Civ. No. 1265.
March 5, 1913.
APPEAL from a judgment of the Superior Court of Los Angeles County and from an order refusing a new trial. Frank G. Finlayson, Judge.
The facts are stated in the opinion of the court.
Walter J. Horgan, for Appellant.
Stutsman Stutsman, for Respondent.
The action was one to restrain the defendant from obstructing an alleyway and for a mandatory order requiring the removal of the obstructions placed therein by defendant. Findings and judgment for plaintiff, from which, and an order denying his motion for a new trial, defendant appeals.
The facts found by the court and supported by the uncontradicted evidence are: In 1886, one Safford was the owner of a tract of land in Los Angeles City; that thereafter he subdivided said tract into lots and sold the same to various parties, representing to each at the time of the sale that a strip of ground eighteen feet in width, extending through said tract and upon which all of the lots so sold abutted, was an alleyway laid out for the use and benefit of said abutting owners. The record shows that Safford at the time of the respective sales showed to the purchasers a map upon which was delineated this alleyway. The purchasers used the said alleyway as a means of ingress and egress to the property, as did the general public, for more than five years. Thereafter, in 1887, Safford undertook by a deed to convey to some of the parties, owners of the abutting lots, the strip so used as an alley. Others owning an interest in abutting lots were not made grantees therein. No answer of defendant appears in the record. There was, however, admitted in evidence upon the hearing of the cause certain tax deeds showing the alleyway to have been sold to the state for delinquent taxes in the year 1897, and subsequently by the state conveyed to the defendant. Also, there was offered in evidence a judgment-roll showing that at some date not appearing the title of defendant to said alleyway was quieted as to some of the abutting owners, but not as to plaintiff. The court sustained an objection to the introduction of such judgment-roll.

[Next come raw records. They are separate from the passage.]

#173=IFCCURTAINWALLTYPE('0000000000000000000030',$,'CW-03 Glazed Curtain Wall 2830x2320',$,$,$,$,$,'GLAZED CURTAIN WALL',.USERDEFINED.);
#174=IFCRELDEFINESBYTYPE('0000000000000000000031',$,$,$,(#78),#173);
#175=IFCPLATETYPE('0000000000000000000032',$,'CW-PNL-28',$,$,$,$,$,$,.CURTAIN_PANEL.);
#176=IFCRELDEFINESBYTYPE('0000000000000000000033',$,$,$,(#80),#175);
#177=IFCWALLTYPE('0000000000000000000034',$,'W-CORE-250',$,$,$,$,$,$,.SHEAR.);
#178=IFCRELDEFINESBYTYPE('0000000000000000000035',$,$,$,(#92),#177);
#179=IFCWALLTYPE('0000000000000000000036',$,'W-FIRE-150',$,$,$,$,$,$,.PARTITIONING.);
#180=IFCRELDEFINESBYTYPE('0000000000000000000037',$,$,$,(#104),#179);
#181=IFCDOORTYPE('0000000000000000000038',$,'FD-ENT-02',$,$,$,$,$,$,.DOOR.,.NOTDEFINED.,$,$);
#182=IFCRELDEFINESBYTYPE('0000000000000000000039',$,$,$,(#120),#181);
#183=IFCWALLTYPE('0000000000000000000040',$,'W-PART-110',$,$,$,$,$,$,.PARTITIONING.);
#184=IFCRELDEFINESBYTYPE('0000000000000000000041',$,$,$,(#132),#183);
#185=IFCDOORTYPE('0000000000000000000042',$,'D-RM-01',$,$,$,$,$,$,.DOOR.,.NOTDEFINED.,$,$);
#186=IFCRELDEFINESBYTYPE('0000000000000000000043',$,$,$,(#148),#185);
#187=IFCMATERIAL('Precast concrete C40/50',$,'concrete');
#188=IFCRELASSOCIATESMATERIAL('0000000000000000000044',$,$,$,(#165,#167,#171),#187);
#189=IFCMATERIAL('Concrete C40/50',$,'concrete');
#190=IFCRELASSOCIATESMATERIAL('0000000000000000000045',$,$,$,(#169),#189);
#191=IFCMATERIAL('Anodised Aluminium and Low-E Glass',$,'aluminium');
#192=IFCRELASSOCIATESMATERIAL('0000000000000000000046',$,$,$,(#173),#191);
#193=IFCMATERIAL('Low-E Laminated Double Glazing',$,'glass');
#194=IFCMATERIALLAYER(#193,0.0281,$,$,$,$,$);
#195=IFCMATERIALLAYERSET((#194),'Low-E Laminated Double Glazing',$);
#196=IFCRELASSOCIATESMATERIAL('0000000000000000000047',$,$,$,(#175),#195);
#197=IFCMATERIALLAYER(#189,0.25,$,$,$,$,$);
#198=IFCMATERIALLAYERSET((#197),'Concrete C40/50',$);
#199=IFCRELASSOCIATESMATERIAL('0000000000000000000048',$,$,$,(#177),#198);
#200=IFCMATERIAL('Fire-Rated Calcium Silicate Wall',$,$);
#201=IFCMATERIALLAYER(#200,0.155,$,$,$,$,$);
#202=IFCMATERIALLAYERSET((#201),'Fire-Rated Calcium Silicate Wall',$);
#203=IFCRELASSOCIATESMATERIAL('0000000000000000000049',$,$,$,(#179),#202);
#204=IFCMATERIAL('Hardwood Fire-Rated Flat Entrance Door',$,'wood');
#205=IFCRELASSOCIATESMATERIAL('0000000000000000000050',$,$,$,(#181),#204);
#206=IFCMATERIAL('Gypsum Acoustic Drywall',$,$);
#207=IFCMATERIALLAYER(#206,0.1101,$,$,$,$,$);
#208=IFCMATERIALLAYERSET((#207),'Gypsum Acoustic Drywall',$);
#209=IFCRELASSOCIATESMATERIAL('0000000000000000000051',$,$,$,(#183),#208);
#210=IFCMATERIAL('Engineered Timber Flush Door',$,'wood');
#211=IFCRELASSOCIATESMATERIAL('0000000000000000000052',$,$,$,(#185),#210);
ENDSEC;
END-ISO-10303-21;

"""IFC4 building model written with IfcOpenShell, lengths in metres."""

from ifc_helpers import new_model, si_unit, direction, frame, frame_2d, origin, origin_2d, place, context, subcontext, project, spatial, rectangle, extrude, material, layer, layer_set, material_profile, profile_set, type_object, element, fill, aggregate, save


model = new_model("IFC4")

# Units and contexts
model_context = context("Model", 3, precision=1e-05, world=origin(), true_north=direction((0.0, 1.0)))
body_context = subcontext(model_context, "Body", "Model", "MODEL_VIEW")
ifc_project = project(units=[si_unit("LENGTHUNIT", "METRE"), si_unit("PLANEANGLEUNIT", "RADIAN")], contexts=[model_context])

We see no merit in the appeal. The production of a map by Safford to the purchasers of the various lots showing the alley, and his representations to said purchasers that said strip was an alleyway, and which representations were acted upon, were sufficient as to such parties to establish said strip as an alleyway. ( Prescott v. Edwards, 117 Cal. 304, [59 Am. St. Rep. 186, 49 P. 178].) In addition, the long continued use of the strip as such alleyway under claim of right and adversely was sufficient to establish a prescriptive title. No taxes being shown to have been assessed, it was not incumbent upon plaintiff to show payment thereof. ( Baldwin v. Temple, 101 Cal. 403, [35 P. 1008], and authorities cited.) It is only the payment of taxes levied and assessed which, by section 325 of the Code of Civil Procedure, is made a condition for acquiring title by adverse possession. The easement in the alleyway being attached to the abutting property and forming a part thereof, it will be presumed, nothing to the contrary appearing, that the same and the value thereof was included in the taxes assessed against the lots. The only title which Safford by his deed made in 1887 could convey to the tenants in common therein named as grantees, was the naked legal title, subject to the easement. No merger resulted from such deed and all that could be assessed as taxes against these tenants in common and their land were the taxes and assessments against the naked legal title, and that title was all that was conveyed by the tax deeds in evidence. The holder of such title could not interfere with the easement rights of plaintiff. This action was maintainable under section 731 of the Code of Civil Procedure.
We see no error in the record, and the judgment and order are affirmed.
James, J., and Shaw, J. concurred.
A petition for a rehearing of this cause was denied by the district court of appeal on April 4, 1913.